Trains seen as crucial economic tool
When derailments like these occur, a swarm of agencies descend upon the scene. Locally, one of those is Virginia’s Department of Emergency Management. Tom Jordan, chief of the department’s Hazards Branch, said derailments often are minor issues.
“Most are simple situations quickly handled by the affected railroad and their on-call response contractors,” Jordan said.
State officials have labeled Virginia a train-loving state that can welcome the world through ports in Hampton Roads, and then send goods on their way across the country by rail.
Officials also view locomotives as a sustainable solution to pandemic-related logistics problems, such as trucker shortages and backed-up ports.
Last December, one of the state agencies in charge of Virginia’s rails pitched a four-year plan to lay down more track, both for freight and passenger trains. The plan also says companies like CSX invest millions in keeping the track safe.
But there has been less action toward regulating the railroads. By and large, cleanups are left to the federal agencies, who have more enforcement muscle, and to the railroads themselves, who use their own cleanup crews in the aftermath of a spill.
This session, Newport News Democrat Del. Shelly Simonds pitched a bill with a number of safety regulations, including one that would cap the length of train cars. Longer train cars derail more easily.
“They are transporting dangerous and toxic chemicals on the rails, going through our towns and our cities every day. They must stop fighting us when it comes to safety,” Simonds said.
However, the bill failed along party lines, in spite of testimony from a rail union and an organization that represents firefighters.
‘At any given moment’
In Virginia, a number of train tracks run through main cities — Roanoke, Richmond and Lynchburg, to name a few. In Richmond, Main Street Station looms over Shockoe Bottom, where a derailing incident could have significant consequences for the city’s downtown.
And several rail lines run along the James River, raising environmental concerns. In 2014, the Environmental Protection Agency worried oil from the Lynchburg fire would run downstream to Richmond. A later report by the Virginia Department of Environmental Quality said the threat to Richmond’s water was minimal.

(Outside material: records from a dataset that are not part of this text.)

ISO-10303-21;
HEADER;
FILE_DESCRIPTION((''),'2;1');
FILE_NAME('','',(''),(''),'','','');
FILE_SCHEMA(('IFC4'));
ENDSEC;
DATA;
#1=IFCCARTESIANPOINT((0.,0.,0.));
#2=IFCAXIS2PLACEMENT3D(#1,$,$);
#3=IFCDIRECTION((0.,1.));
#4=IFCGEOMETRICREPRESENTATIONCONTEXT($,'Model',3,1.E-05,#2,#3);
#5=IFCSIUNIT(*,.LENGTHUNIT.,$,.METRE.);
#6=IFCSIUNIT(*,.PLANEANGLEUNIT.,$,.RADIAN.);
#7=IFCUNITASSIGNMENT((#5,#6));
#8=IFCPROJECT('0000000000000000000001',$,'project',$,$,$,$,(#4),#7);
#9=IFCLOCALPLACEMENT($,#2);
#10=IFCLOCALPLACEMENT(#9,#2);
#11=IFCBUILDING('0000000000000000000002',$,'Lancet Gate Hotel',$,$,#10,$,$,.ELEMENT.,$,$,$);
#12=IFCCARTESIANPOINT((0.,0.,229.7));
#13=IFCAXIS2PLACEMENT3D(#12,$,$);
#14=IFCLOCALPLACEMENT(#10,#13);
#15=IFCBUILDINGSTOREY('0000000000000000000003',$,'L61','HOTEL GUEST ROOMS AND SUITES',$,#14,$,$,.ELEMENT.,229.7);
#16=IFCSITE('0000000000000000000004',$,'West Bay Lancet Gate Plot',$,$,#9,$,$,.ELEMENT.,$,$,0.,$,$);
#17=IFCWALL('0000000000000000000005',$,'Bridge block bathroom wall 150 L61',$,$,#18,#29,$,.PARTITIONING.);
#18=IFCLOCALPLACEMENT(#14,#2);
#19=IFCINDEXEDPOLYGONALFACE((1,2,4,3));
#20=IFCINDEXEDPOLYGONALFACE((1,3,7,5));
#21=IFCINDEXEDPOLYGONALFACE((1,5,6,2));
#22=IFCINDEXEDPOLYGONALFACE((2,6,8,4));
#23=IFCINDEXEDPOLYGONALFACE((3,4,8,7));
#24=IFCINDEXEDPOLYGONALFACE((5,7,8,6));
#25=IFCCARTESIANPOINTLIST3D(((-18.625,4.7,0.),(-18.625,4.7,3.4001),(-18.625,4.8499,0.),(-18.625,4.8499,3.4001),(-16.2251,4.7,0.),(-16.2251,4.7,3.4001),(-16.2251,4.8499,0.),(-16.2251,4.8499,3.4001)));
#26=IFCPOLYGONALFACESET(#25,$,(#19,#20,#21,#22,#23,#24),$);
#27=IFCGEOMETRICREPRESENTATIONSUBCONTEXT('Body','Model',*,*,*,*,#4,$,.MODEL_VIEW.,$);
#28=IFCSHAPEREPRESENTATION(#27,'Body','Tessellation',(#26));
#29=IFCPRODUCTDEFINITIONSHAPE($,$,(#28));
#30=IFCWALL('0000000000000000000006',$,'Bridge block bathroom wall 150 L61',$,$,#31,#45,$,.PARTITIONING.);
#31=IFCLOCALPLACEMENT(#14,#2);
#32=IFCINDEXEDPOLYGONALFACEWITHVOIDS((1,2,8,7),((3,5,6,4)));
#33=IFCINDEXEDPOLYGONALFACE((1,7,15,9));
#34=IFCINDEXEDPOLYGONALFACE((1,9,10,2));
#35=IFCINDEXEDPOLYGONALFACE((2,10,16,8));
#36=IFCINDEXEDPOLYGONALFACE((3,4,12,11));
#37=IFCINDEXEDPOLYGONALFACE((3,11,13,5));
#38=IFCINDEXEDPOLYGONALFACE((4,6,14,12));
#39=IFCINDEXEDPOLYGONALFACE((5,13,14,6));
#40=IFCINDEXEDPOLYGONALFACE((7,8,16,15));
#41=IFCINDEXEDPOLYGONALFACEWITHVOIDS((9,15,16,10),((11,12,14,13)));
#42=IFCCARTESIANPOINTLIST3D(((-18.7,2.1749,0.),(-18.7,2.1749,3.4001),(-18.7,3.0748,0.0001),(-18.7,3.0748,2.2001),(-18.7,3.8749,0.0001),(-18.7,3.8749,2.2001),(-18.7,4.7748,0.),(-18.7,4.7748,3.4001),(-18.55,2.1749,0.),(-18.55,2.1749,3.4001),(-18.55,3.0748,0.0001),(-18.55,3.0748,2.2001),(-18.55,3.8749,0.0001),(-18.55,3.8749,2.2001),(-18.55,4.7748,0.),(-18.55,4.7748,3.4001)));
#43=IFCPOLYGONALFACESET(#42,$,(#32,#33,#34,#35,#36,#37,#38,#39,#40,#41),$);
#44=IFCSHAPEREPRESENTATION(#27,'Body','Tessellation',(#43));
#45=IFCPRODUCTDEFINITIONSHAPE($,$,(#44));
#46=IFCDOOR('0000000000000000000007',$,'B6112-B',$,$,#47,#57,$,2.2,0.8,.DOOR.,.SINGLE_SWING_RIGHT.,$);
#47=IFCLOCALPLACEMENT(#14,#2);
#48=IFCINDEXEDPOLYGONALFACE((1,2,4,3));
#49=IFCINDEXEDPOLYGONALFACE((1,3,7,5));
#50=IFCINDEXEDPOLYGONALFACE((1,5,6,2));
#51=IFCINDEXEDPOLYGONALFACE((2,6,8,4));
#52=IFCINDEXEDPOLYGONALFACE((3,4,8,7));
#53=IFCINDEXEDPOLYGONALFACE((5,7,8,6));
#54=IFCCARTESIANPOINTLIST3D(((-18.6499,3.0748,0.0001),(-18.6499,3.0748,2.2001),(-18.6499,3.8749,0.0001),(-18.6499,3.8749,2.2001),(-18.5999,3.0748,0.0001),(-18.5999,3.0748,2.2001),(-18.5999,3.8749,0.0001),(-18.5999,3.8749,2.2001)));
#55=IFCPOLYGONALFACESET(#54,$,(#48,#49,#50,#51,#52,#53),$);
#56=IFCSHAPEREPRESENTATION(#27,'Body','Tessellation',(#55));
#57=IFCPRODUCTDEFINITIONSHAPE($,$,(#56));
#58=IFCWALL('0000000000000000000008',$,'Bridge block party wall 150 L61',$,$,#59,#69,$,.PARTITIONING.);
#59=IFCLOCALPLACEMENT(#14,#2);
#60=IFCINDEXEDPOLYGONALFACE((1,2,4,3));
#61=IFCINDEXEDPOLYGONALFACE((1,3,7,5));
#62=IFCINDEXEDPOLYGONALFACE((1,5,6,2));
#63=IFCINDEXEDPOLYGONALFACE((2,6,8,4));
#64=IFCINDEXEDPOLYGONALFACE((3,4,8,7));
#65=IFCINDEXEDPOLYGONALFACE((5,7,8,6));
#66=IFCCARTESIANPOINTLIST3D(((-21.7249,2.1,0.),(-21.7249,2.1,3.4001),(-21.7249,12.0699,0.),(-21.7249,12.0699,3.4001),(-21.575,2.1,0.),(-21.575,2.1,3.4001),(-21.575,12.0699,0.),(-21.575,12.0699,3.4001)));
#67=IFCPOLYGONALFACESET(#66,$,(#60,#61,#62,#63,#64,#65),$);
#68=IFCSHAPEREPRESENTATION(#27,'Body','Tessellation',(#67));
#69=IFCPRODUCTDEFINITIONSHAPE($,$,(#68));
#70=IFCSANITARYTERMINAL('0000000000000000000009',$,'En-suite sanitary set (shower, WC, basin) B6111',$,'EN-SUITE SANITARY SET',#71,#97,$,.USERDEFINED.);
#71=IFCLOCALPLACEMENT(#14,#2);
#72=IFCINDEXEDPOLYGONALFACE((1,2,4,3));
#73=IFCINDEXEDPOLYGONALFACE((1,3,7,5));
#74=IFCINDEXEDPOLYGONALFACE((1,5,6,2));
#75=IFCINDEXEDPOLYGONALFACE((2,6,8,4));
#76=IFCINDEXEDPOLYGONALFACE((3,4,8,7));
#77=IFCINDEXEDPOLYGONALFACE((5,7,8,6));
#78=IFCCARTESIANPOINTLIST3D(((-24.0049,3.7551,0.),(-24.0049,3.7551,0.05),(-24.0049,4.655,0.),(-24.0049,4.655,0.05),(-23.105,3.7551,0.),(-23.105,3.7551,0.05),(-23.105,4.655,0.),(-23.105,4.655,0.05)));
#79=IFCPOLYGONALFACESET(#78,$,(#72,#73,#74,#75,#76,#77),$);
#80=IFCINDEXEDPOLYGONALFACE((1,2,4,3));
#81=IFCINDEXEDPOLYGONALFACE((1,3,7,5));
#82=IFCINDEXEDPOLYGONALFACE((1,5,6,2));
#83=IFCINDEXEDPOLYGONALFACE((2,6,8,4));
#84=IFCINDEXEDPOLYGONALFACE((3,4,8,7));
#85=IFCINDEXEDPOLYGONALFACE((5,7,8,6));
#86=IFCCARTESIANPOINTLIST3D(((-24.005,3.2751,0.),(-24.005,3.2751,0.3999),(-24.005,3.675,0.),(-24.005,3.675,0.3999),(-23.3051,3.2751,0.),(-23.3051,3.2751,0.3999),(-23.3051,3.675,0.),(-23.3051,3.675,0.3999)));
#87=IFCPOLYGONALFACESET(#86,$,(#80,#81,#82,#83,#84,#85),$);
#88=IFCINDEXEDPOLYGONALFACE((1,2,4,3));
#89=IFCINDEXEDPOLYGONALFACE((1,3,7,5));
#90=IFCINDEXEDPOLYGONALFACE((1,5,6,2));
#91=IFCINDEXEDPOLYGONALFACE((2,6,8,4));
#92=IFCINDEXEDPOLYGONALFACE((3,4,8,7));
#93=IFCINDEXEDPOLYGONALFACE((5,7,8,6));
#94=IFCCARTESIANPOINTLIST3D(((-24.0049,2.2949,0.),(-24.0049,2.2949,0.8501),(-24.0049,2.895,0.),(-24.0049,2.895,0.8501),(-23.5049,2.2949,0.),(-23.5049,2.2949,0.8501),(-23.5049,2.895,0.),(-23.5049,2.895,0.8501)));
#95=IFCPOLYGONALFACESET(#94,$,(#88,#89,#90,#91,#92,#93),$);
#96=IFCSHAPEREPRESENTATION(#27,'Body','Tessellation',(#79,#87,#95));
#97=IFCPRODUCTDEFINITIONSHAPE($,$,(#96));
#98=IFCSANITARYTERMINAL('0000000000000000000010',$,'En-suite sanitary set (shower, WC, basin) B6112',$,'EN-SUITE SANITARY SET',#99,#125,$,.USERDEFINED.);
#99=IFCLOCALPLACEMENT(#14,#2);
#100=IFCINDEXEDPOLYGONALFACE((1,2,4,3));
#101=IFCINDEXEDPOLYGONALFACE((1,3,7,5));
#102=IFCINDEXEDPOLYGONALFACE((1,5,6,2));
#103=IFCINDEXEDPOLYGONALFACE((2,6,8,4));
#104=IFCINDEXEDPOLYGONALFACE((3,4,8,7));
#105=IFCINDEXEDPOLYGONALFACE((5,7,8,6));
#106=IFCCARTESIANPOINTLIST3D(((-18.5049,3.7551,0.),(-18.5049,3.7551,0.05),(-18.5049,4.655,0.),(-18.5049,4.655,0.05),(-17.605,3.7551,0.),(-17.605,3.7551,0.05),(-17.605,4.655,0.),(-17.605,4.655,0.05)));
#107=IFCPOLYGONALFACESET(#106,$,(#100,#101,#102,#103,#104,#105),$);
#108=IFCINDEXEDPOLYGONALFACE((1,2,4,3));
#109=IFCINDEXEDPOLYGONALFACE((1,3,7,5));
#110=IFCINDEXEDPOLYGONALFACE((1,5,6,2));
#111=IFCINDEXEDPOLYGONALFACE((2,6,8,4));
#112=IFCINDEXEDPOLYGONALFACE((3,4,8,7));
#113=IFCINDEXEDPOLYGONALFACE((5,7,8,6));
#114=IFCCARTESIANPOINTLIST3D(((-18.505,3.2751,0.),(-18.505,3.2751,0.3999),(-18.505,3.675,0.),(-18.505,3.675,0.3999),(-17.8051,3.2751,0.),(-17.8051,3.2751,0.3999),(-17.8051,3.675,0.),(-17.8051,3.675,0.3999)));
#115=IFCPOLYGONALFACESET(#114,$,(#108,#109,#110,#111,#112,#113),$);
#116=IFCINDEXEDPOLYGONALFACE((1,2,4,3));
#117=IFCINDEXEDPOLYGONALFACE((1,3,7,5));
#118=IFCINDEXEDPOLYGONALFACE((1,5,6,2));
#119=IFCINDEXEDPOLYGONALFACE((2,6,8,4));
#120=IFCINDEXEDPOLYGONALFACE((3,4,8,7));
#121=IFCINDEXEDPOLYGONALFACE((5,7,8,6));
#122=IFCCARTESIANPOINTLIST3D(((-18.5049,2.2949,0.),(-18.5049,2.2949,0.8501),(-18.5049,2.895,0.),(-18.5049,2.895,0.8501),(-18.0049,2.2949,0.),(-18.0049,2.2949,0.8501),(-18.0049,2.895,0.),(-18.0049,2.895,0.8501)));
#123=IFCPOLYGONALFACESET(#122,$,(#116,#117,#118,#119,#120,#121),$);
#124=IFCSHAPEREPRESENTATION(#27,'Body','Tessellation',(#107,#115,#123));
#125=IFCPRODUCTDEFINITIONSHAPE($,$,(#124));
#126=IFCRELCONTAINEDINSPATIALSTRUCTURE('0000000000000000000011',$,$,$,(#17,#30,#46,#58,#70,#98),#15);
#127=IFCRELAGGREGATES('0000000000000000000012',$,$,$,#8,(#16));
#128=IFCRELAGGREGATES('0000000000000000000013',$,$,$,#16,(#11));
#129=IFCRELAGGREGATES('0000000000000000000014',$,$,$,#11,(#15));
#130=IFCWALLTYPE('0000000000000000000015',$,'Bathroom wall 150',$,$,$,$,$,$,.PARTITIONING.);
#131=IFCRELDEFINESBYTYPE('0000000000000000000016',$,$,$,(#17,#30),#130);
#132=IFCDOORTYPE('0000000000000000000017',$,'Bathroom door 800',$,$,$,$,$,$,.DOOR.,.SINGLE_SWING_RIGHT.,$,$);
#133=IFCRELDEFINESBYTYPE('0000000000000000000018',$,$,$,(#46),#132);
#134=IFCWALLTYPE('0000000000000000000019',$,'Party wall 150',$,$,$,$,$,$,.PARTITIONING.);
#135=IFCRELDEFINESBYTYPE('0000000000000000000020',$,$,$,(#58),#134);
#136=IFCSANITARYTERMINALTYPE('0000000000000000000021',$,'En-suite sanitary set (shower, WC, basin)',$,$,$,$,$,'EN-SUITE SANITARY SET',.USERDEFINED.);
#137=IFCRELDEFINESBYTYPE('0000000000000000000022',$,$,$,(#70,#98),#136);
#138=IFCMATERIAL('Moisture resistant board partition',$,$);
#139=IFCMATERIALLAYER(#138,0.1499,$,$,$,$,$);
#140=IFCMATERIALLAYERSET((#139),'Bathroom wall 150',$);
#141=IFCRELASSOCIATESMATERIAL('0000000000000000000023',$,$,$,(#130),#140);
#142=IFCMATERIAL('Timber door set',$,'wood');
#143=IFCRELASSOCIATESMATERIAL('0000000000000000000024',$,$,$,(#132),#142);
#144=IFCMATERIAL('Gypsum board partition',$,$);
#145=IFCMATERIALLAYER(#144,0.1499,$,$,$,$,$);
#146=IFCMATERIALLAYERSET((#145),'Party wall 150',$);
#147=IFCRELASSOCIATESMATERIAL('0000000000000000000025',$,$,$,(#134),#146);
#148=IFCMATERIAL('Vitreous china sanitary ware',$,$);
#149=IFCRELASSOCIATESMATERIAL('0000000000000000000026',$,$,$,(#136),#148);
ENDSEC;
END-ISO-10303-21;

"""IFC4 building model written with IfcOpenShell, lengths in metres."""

from ifc_helpers import new_model, si_unit, direction, frame, frame_2d, origin, origin_2d, place, context, subcontext, project, spatial, rectangle, extrude, material, layer, layer_set, type_object, element, fill, save


model = new_model("IFC4")

# Units and contexts
model_context = context("Model", 3, precision=1e-05, world=origin(), true_north=direction((0.0, 1.0)))
body_context = subcontext(model_context, "Body", "Model", "MODEL_VIEW")
ifc_project = project(units=[si_unit("LENGTHUNIT", "METRE"), si_unit("PLANEANGLEUNIT", "RADIAN")], contexts=[model_context])

# Site, building, storey
site_placement = place(None, origin())
site = spatial("IfcSite", under=ifc_project, at=site_placement, Name="West Bay Lancet Gate Plot", CompositionType="ELEMENT", RefElevation=0.0)
building_placement = place(site_placement, origin())
building = spatial("IfcBuilding", under=site, at=building_placement, Name="Lancet Gate Hotel", CompositionType="ELEMENT")
storey_placement = place(building_placement, frame((0.0, 0.0, 229.7)))
storey = spatial("IfcBuildingStorey", under=building, at=storey_placement, Name="L61", Description="HOTEL GUEST ROOMS AND SUITES", CompositionType="ELEMENT", Elevation=229.7)

# Shared definitions
ifc_material_1 = material(Name="Moisture resistant board partition")
ifc_layer_1 = layer(ifc_material_1, 0.1499)
ifc_layer_set_1 = layer_set([ifc_layer_1], Name="Bathroom wall 150")
wall_type_1 = type_object("IfcWallType", Name="Bathroom wall 150", PredefinedType="PARTITIONING", material=ifc_layer_set_1)

# Shared definitions
ifc_material_2 = material(Name="Timber door set", Category="wood")
door_type = type_object("IfcDoorType", Name="Bathroom door 800", OperationType="SINGLE_SWING_RIGHT", PredefinedType="DOOR", material=ifc_material_2)
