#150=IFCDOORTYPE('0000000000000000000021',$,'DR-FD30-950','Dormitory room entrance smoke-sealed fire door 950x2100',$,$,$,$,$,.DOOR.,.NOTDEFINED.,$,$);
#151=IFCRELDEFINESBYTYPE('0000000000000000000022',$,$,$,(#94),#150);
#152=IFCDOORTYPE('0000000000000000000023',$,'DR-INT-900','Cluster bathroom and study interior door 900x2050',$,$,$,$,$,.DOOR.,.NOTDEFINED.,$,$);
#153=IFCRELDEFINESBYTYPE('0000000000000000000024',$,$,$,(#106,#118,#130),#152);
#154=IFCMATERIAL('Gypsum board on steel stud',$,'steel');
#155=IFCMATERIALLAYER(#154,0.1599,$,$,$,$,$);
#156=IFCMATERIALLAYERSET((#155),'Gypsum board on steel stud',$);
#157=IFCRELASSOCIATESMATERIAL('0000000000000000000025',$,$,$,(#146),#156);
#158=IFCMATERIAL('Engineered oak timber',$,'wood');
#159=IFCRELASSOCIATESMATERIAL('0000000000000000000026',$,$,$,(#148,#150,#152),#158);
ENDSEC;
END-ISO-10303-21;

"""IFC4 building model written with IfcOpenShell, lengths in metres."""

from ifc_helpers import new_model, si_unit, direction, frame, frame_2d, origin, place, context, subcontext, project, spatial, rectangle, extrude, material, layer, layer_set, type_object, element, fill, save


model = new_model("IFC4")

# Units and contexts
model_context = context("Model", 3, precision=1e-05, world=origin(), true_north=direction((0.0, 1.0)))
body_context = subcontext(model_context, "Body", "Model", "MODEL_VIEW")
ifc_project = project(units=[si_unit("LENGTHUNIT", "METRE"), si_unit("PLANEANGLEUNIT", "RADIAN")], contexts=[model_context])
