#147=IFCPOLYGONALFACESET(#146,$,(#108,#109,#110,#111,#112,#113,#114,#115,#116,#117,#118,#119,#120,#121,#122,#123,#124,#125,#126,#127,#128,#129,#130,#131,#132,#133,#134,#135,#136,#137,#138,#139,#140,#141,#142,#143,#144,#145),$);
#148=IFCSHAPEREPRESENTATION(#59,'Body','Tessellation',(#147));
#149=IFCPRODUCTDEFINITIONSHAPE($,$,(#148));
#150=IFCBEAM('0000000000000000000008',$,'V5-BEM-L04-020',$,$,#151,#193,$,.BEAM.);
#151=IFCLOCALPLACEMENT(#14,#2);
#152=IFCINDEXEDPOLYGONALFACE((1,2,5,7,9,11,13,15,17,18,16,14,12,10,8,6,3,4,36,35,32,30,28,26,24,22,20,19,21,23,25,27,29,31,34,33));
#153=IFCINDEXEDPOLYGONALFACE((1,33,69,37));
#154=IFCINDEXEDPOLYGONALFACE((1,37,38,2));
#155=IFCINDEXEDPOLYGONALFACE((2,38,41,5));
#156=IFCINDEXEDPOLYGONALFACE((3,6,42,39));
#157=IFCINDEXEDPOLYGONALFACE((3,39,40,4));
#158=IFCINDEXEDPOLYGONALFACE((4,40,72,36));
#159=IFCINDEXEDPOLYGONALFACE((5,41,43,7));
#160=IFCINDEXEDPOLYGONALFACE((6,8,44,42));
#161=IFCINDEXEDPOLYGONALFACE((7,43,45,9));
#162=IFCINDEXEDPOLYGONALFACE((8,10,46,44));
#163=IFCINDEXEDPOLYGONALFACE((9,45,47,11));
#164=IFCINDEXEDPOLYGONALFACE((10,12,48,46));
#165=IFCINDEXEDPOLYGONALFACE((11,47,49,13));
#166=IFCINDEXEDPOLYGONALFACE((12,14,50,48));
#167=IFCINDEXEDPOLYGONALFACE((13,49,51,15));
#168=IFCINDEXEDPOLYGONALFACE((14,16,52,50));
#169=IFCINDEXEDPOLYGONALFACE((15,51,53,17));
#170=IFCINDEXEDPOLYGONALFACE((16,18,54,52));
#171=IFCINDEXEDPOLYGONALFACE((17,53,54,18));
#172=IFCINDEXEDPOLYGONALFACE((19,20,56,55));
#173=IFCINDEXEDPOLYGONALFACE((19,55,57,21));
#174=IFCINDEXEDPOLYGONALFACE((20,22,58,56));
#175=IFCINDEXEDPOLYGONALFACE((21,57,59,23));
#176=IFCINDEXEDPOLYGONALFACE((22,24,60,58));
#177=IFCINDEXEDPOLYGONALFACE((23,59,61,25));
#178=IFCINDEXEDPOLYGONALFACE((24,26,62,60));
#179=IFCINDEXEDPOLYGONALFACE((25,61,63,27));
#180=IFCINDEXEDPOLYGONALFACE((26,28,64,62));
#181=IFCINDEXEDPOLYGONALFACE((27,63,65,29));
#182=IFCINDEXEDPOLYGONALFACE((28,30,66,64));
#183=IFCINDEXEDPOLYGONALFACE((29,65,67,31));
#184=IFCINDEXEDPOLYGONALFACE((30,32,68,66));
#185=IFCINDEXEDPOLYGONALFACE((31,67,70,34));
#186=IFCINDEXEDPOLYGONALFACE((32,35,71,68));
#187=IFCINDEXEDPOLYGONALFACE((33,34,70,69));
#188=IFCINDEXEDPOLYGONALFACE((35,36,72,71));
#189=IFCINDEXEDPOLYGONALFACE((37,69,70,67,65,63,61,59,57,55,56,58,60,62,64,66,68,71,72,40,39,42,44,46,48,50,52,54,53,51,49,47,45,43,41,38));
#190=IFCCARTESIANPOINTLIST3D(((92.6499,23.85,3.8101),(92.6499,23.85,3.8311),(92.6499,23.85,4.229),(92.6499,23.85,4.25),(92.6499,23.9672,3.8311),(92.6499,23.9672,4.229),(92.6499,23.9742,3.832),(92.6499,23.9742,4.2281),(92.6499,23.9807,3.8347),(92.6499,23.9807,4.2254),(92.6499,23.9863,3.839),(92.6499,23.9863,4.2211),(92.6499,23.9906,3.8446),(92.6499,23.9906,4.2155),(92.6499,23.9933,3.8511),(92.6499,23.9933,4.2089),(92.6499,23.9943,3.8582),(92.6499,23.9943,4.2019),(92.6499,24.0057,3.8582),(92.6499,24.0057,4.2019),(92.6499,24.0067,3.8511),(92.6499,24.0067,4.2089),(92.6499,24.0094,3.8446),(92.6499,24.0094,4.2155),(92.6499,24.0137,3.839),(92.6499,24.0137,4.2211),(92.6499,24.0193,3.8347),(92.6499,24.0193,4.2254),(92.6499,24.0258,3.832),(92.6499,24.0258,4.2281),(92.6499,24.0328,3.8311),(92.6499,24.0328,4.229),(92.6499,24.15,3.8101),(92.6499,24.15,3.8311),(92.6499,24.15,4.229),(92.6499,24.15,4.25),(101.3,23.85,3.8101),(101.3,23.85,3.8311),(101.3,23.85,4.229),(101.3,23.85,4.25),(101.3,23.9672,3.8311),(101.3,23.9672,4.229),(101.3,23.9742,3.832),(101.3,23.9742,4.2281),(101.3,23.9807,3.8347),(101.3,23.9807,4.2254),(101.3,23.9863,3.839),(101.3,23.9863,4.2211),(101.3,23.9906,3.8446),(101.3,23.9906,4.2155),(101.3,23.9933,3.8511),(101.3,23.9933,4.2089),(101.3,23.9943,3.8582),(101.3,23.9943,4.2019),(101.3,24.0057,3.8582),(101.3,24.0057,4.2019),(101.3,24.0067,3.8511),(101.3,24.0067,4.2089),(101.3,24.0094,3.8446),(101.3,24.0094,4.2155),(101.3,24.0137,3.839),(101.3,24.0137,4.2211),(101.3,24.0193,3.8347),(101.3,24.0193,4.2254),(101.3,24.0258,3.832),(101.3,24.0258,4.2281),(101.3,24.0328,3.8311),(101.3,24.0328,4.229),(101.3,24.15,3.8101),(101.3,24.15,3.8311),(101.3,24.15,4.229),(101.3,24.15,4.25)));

In a statement, a representative for CSX said the hazmat derailment rate has declined 55% since 2012, and that less than 1% of accidents result in a hazmat release.
“CSX invests heavily in railroad infrastructure maintenance, which is essential to reaching our goal of zero accidents and injuries and ensuring the continued reliability of the freight rail service that is important to the economy,” said Sheriee Bowman, a spokesperson for the company. “While no accident is acceptable, CSX has led the industry with the fewest FRA reportable train accidents and the lowest average FRA reportable injury rate since 2019.”
Later, a report from the NTSB found the 2014 derailment was preventable. NTSB inspectors found the company had known about the fracture a day prior, but had not scheduled a repair for several more days, which was within their guidelines, the Richmond Times-Dispatch reported in 2016.
Williams believes these companies do the best they can. But he still worries when he sees tank cars snaking into the city. The image of the plume of fire on the river is seared into his memory.
“It’s something that can happen at any time, at any given moment,” Williams said.